Grow, Gift, Repair

Drama at the state level around Host Community Agreements


In a letter to the Cannabis Control Comission late Friday, state Senator Patricia Jehlen and state Representative Mark Cusack urged the agency to stop turning a blind eye to illegal “host community agreements” that last too long or require pot operators to make excessive payments.

In a contentious 3-2 vote last December, the commission decided it didn’t have the authority to approve or reject the terms of the contracts marijuana operators must sign with their host municipalities in order to get a state license. Instead, it only checks to make sure an agreement has been signed.

Jehlen and Cusack — co-chairs of the Legislature’s joint committee on marijuana policy — think that was a mistake.

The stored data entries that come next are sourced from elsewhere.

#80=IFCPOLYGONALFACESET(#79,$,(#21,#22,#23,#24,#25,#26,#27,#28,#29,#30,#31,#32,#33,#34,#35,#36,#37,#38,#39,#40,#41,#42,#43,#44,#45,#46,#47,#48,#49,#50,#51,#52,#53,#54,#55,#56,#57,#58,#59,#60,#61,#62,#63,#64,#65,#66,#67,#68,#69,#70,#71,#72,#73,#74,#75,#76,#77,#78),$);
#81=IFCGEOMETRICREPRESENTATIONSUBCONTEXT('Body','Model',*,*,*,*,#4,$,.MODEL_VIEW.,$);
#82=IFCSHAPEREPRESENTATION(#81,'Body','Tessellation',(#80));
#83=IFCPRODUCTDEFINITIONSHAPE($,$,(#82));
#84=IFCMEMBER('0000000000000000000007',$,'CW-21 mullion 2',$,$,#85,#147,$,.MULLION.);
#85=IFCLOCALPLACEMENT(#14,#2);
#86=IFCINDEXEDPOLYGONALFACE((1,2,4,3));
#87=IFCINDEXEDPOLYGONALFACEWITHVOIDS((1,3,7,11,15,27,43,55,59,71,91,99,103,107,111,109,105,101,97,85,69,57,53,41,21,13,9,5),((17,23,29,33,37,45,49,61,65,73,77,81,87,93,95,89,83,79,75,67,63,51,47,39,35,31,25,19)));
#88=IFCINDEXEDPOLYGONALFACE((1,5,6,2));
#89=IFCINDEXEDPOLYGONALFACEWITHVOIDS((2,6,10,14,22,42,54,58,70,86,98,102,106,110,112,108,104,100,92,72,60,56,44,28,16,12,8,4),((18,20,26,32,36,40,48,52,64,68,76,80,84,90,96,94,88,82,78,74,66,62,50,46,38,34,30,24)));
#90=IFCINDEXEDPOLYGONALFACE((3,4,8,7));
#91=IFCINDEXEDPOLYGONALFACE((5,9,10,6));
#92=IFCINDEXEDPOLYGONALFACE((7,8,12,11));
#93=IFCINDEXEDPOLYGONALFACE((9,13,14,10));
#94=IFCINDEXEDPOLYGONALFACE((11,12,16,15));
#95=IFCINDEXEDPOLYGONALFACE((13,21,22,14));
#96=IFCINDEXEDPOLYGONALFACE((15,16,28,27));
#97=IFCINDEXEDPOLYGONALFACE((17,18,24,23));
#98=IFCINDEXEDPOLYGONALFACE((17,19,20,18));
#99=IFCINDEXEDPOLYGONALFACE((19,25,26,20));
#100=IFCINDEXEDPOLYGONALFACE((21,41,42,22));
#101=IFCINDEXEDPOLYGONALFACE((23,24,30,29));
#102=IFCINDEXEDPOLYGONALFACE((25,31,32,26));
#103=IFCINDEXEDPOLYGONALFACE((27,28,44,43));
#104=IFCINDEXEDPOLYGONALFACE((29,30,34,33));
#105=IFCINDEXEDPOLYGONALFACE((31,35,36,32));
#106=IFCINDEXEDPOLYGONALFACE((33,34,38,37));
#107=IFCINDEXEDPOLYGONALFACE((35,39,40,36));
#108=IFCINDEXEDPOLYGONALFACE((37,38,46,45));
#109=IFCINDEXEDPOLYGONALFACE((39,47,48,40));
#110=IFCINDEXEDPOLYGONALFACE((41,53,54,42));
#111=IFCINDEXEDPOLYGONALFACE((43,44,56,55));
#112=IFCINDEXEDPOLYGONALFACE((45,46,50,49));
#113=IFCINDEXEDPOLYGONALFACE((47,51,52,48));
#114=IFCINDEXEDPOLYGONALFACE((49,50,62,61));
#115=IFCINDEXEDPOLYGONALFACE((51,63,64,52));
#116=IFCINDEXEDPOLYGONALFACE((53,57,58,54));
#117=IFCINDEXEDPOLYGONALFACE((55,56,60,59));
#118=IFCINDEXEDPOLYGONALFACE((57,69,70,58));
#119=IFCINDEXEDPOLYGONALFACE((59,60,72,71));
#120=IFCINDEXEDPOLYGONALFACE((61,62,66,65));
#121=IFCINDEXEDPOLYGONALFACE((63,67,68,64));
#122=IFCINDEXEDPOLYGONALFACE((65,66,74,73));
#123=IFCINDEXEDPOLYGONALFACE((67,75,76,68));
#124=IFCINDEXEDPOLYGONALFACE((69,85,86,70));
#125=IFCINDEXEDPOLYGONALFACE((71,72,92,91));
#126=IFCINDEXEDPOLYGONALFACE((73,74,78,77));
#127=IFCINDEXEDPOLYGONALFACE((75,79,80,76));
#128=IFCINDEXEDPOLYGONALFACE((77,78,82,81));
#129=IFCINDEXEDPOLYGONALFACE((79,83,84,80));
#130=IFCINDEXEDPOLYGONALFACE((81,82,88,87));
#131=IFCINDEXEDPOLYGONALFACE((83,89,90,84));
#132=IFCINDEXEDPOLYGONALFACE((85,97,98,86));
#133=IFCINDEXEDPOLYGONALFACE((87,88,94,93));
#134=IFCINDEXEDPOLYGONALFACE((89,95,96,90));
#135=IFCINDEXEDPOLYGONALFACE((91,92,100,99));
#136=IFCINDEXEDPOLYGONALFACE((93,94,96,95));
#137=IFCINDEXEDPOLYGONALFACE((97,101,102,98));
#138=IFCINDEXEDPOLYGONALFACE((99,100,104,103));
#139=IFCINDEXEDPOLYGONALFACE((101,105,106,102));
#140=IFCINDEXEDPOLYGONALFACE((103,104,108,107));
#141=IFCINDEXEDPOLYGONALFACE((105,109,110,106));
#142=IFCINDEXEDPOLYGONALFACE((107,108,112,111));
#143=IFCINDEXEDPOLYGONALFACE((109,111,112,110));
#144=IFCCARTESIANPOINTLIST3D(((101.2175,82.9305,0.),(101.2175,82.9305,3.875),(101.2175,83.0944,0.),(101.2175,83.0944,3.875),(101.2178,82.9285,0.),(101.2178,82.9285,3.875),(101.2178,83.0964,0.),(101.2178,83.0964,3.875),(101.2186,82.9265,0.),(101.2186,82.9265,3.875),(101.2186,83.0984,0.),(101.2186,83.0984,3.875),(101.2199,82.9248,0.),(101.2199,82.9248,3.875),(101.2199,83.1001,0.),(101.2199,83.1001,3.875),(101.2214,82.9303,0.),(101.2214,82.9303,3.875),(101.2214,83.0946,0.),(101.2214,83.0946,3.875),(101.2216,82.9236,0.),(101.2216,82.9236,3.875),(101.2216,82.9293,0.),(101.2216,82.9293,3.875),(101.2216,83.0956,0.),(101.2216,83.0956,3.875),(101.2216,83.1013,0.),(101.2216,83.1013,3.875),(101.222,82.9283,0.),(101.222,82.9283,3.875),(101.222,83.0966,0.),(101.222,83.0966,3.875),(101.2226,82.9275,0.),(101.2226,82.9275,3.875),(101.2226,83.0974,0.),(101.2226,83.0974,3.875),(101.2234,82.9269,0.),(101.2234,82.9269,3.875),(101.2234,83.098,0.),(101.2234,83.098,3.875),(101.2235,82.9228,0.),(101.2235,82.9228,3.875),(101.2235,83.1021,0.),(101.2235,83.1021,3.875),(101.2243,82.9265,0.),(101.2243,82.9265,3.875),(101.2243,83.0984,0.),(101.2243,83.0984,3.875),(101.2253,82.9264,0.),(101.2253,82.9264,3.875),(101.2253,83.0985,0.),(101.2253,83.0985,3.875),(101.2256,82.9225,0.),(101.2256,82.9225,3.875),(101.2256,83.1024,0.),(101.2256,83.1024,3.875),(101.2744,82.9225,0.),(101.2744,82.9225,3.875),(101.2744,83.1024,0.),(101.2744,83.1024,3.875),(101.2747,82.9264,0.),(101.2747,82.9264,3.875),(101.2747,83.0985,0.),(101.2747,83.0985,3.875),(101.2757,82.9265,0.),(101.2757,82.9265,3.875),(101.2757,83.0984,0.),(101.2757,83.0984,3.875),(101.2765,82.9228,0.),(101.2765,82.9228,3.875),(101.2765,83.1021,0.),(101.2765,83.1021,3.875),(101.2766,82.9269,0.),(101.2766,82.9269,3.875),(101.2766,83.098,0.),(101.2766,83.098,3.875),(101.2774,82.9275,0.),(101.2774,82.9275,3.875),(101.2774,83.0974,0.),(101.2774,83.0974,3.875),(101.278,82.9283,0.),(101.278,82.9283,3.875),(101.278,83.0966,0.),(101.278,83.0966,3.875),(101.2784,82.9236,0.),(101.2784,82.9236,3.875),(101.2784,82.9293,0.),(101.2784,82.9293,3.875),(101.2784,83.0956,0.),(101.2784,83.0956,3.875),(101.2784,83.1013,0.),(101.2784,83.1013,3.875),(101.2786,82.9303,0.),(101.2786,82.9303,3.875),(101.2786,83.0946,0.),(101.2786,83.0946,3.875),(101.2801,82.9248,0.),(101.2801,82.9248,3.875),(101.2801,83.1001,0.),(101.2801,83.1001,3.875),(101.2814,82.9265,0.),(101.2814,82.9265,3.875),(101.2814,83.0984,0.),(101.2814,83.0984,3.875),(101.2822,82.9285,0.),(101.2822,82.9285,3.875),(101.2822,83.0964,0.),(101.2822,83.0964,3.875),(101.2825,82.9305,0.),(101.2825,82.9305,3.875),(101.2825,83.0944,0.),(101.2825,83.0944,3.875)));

The lawmakers decried the “widespread practice” of municipalities and cannabis operators agreeing to deals they said “undermine state statute and our collective efforts to disincentivize and successfully migrate the illicit consumption of marijuana within the Commonwealth into a legalized, well-regulated, tested, and taxed system.”

They insisted the commission is required by law to review all host community agreements and ensure they don’t exceed limits on the duration and size of payments. They also said the agency should scrutinize any side agreements that include additional fees or “contributions.”

“It is our interpretation, and intent, that the CCC has the authority and is required to therefore review any such community host agreements to ensure their compliance with statute,” the legislators wrote. “It is our hope that the CCC will… prevent municipalities from using community host agreements as a form of prohibition.”

The commission did not immediately have a comment.

Under the law, no cannabis firm can get a recreational license from the state unless it has signed an agreement with its host municipality. Those contracts usually require the operator to pay the community a cut of its sales, and spell out security requirements and other conditions.

But the law says the agreements can’t last more than five years, and caps payments at 3 percent of a company’s annual revenue. Even payments below that cap must be “reasonably related” to actual costs the company imposes on the city or town — expenses such as legal services, police responses to the facility, infrastructure, and so on.

In addition to making it more affordable for small businesspeople to enter the marijuana industry, the restrictions were intended to prevent a repeat of the municipal rent-seeking seen under the state’s medical marijuana system; without caps in place, some medical dispensaries have paid towns hundreds of thousands of dollars.